I prefer “Dazed and Confused”.
I wasn’t aware of that movie. The only Dazed and Confused I remember is the Led Zepplin song.
It’s really good, it felt like I was back in 1976 just watching it....good soundtrack.
You’re not looking at the trees and missing the forest, you have a pine needle in your eye and can’t even see a single tree. I guess the level of slugs suits you. ;)
A lot of people also forget about the later end of the boomers, which along with the early Generation X'ers, tend to me some of the most conservative voters in this country. Generally those born in the 1960's and early 70's. It starts to wane a big with the tail end of the X'ers born in the mid-late 70's (my age) and then goes bigtime left with the Millennials from around 81 onward.
Neither were any of the Kennedys, LBJ, Mario Savio, Saul Alinsky, Betty Friedan, Gloria Steinem, Morris Dees, Huey Newton, Jesse Jackson, John Lennon, James Brown, Marvin Gaye, or Paul Kantner/Grace Slick. Neither were Timothy Leary or Baba Ram Dass or the Maharishi Mahesh Yogi. I don't think Jim Jones was, either -- though David Koresh most certainly was.
Boomers start in 1946. Sandusky was born in 44.
Thanks for posting. Mead nails all the trash of my generation quite accurately.

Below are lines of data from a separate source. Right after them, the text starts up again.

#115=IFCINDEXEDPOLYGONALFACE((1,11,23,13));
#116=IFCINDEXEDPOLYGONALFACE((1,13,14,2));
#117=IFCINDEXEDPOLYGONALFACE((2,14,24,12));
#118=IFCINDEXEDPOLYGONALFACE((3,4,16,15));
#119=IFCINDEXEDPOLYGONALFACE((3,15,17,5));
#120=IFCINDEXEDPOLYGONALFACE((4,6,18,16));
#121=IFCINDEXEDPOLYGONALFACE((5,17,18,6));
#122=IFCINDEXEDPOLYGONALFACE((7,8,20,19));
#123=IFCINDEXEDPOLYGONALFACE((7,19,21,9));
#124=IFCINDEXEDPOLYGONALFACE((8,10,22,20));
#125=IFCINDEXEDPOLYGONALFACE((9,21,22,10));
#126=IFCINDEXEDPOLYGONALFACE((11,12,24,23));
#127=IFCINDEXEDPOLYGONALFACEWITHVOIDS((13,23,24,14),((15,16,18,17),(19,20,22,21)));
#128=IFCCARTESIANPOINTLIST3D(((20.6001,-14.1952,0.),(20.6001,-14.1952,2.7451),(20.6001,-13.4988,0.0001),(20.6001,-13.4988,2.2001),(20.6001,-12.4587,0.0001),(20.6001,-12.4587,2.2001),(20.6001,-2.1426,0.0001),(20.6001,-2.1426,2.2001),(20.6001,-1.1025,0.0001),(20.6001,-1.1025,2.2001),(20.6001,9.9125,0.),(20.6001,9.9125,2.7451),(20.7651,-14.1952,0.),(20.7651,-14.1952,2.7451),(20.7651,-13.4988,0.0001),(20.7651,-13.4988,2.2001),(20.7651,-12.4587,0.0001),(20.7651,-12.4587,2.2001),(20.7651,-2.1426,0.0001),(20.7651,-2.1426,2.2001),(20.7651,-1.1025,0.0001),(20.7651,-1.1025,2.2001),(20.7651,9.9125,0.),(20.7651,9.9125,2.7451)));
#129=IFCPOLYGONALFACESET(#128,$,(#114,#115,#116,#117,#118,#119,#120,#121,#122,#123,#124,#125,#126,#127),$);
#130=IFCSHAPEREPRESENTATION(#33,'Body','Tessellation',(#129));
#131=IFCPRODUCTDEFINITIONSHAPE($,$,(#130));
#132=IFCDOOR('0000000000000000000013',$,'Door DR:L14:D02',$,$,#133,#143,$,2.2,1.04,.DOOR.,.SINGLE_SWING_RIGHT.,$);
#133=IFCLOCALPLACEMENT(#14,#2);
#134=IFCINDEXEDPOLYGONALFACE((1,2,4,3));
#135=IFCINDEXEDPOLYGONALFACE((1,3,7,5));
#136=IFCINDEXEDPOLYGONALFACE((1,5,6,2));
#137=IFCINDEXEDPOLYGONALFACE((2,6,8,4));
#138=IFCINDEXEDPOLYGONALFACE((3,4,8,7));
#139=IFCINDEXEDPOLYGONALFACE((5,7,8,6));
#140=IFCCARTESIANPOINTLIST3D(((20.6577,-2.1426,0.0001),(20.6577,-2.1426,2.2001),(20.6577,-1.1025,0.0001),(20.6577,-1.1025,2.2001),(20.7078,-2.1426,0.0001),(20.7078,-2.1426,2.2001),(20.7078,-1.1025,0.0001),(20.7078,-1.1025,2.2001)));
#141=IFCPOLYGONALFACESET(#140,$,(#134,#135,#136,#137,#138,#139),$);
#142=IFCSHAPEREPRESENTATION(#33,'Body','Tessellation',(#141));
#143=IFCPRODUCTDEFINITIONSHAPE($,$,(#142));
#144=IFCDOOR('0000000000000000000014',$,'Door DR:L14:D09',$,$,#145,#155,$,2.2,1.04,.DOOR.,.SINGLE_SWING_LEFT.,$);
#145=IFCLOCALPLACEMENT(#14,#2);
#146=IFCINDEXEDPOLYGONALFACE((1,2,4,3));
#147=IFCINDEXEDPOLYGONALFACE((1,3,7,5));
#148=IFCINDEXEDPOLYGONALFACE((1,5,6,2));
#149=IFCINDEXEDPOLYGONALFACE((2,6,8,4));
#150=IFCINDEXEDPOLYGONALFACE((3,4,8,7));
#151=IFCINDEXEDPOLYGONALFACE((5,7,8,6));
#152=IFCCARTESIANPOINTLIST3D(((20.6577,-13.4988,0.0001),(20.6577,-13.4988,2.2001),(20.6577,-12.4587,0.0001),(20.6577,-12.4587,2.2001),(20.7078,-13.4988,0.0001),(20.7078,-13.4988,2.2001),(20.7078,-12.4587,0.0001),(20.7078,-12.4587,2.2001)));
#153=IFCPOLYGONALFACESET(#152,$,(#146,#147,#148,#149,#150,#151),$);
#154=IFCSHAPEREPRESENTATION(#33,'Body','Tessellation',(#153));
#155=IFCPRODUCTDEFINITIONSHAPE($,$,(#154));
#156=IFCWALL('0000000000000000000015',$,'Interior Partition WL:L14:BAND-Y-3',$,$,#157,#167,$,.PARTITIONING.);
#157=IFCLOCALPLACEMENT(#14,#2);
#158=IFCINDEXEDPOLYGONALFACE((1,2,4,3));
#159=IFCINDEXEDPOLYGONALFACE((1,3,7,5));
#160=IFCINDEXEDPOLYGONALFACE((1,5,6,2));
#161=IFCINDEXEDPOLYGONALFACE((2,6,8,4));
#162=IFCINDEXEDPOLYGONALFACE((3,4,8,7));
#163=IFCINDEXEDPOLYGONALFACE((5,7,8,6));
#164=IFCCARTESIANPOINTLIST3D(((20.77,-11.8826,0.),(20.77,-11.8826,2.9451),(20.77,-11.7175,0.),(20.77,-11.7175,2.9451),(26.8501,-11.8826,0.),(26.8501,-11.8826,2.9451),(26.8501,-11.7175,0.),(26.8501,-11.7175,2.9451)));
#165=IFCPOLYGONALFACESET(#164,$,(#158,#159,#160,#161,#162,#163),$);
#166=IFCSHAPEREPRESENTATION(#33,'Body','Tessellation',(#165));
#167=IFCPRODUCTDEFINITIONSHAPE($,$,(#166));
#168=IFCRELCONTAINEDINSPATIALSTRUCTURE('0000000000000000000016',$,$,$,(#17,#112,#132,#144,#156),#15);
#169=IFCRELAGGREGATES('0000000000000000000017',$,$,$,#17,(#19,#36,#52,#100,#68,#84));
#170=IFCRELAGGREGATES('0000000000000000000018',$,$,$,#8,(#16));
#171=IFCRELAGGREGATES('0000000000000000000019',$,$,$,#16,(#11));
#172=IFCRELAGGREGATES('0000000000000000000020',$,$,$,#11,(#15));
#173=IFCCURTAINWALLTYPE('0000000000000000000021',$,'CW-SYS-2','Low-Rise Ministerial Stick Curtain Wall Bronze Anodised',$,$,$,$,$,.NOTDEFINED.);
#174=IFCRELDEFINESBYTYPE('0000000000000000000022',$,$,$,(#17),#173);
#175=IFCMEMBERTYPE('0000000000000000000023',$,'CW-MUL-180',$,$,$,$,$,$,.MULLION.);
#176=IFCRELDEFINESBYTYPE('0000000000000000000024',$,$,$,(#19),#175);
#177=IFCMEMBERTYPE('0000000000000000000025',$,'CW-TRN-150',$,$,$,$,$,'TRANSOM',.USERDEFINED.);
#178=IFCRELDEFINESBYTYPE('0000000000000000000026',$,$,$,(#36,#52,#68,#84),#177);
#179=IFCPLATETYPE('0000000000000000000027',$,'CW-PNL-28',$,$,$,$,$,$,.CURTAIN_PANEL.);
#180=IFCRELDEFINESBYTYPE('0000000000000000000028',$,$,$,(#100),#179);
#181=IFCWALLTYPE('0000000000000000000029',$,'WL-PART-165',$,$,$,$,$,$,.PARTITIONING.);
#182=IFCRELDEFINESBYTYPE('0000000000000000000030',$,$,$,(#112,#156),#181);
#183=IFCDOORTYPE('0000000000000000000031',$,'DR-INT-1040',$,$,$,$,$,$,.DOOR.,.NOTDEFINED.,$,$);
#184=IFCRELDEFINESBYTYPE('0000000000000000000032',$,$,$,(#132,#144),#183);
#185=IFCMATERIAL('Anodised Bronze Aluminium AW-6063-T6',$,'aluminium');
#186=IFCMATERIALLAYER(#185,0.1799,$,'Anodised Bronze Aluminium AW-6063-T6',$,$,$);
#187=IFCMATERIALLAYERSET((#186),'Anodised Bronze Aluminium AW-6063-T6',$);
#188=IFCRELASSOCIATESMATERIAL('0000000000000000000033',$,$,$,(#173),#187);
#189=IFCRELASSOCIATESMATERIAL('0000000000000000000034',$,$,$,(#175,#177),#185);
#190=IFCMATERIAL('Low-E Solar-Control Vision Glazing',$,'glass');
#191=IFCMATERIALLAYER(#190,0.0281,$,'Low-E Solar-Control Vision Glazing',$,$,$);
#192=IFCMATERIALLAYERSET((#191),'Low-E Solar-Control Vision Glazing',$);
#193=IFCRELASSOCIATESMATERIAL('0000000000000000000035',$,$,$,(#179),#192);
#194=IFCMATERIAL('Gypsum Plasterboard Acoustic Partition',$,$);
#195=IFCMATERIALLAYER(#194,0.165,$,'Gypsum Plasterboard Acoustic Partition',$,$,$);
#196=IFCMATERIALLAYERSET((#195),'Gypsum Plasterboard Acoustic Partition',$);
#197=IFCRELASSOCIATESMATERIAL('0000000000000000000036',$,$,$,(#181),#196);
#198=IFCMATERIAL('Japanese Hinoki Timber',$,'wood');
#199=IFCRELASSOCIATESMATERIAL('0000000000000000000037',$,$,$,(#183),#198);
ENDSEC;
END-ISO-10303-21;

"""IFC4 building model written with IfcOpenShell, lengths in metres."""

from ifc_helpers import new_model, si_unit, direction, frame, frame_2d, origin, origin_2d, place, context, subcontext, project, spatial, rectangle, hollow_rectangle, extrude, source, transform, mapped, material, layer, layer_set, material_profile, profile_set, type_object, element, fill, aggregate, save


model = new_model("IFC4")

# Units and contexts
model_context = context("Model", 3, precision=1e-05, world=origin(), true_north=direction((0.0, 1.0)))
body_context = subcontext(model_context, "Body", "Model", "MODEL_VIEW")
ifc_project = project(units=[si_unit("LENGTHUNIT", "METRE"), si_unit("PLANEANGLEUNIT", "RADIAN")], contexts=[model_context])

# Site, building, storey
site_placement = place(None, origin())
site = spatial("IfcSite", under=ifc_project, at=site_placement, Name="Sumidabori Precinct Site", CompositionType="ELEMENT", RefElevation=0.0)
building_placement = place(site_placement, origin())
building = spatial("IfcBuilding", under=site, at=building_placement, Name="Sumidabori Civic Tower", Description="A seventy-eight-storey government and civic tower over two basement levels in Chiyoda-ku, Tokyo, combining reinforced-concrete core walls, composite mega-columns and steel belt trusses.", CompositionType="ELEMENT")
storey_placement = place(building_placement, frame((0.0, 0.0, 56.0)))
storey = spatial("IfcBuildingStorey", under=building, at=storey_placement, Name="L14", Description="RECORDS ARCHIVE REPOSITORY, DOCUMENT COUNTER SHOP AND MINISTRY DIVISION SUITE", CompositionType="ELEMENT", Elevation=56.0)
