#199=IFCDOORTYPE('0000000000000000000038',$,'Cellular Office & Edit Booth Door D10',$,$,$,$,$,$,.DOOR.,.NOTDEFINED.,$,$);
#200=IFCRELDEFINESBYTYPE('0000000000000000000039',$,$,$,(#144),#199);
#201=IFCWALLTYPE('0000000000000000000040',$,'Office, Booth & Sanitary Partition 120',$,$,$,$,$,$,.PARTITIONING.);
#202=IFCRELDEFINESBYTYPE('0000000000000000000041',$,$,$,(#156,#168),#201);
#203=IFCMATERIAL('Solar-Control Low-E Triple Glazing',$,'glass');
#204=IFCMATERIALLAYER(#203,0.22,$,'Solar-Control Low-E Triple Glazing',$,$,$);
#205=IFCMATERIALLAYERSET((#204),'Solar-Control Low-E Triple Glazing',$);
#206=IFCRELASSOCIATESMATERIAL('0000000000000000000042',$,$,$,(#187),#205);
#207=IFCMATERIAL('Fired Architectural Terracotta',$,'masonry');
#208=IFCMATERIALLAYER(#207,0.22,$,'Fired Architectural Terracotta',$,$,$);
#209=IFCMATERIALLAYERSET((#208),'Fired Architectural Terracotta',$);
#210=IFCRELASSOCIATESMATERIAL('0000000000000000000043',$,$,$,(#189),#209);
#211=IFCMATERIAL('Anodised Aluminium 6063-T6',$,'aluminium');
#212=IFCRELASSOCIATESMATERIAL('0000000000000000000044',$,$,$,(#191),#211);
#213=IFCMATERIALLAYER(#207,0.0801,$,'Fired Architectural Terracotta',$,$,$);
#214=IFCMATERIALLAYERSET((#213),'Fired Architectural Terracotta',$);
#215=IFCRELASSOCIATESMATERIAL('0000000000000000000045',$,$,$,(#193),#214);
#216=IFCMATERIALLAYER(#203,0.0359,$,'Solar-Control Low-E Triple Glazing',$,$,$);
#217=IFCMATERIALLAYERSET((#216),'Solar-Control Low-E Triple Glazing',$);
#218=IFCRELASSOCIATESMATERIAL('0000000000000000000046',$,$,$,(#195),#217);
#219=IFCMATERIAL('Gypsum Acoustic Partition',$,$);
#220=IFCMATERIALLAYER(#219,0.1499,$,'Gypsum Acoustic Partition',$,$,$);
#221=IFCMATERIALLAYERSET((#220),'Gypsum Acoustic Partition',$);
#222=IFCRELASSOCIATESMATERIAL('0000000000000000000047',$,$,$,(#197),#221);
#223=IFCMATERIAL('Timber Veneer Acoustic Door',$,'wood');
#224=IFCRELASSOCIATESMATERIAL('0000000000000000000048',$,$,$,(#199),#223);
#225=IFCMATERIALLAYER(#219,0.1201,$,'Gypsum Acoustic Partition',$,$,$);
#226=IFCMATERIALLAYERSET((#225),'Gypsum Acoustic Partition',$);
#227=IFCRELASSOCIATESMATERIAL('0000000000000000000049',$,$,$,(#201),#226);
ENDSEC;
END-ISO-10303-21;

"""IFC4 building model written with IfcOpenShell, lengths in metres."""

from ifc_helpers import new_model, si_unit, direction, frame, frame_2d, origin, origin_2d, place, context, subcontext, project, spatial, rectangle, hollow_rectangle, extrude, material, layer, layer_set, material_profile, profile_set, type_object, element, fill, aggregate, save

Personally I don't really think all this "Boomer/gen x, gen Y, clicker" or whatever is really all that helpfull. Like all ways of dividing people up into nice neat little boxes it is a sweeping stereotype approximation anyway. Not all boomers are selfish, not all gen Y's are technophiles. Real people surprise us all the time.
One more thing. As the good book says "there is nothing new under the sun". There have been generation gaps since time began. Every generation blames the one before for all of its problems, and every generation bemoans the shortcomings of the one following. The generations now will fail just as badly as the boomers. Just in different ways :)
I get paid on the 4th Wednesday, is that the day before Thanksgiving?
I used to squander my money on wine, women and song. Now that I'm older I don't drink wine at all, I've been happily married to the same woman since I was a baby and am happy with that arrangement and I can't sing worth a hoot.
I still find uses for my S.S. check though, so all you youngsters out there, keep on working, I'm a greedy old bast*rd.
“The Boomer generation is a faithless one, they embraced the refection of Christ and filled this society with the false hope of the government will fix all. They embraced socialism and made it their God. They embraced the killing of babies, free love, drugs and drunkenhess, and all manner of greed. They hated the innocence of the fifties, and mock it to this day. They rejected any moral compass, but their own-—the rejection of Christianity will not be easy to recover from.”
Words worth repeating.
The man you referred to as proposing the modern withholding scheme was Beardsley Ruml. He was with Macy's, not Monkey Wards.
So far as I can tell, none of the people responsible for the above actions were Boomers.
All planned starting with Woodrow Wilson, a “progressive” another word for communist. They knew the only way to take America down was from within, it has taken a hundred years, no surprise “the chldren of the wicked are more committed than the children of light.”
They have systematically been grinding America down with attacks on the family, the church and education. This moment, this President is their chance at long last to “fundamentality change our nation” and then begin destroying anyone who gets in their way. That is historical, many will die under their form of government.
“Income tax withholding began in 1862 with the withholding of federal employees taxes. “
Lincoln was in many ways the father of modern big government.
“The man you referred to as proposing the modern withholding scheme was Beardsley Ruml. He was with Macy’s, not Monkey Wards.”
That’s the guy. I knew he came from the retail world. Interesting to learn that he was also one of the early proponents of “ functional finance or chartalism”, a practice associated with Keynes.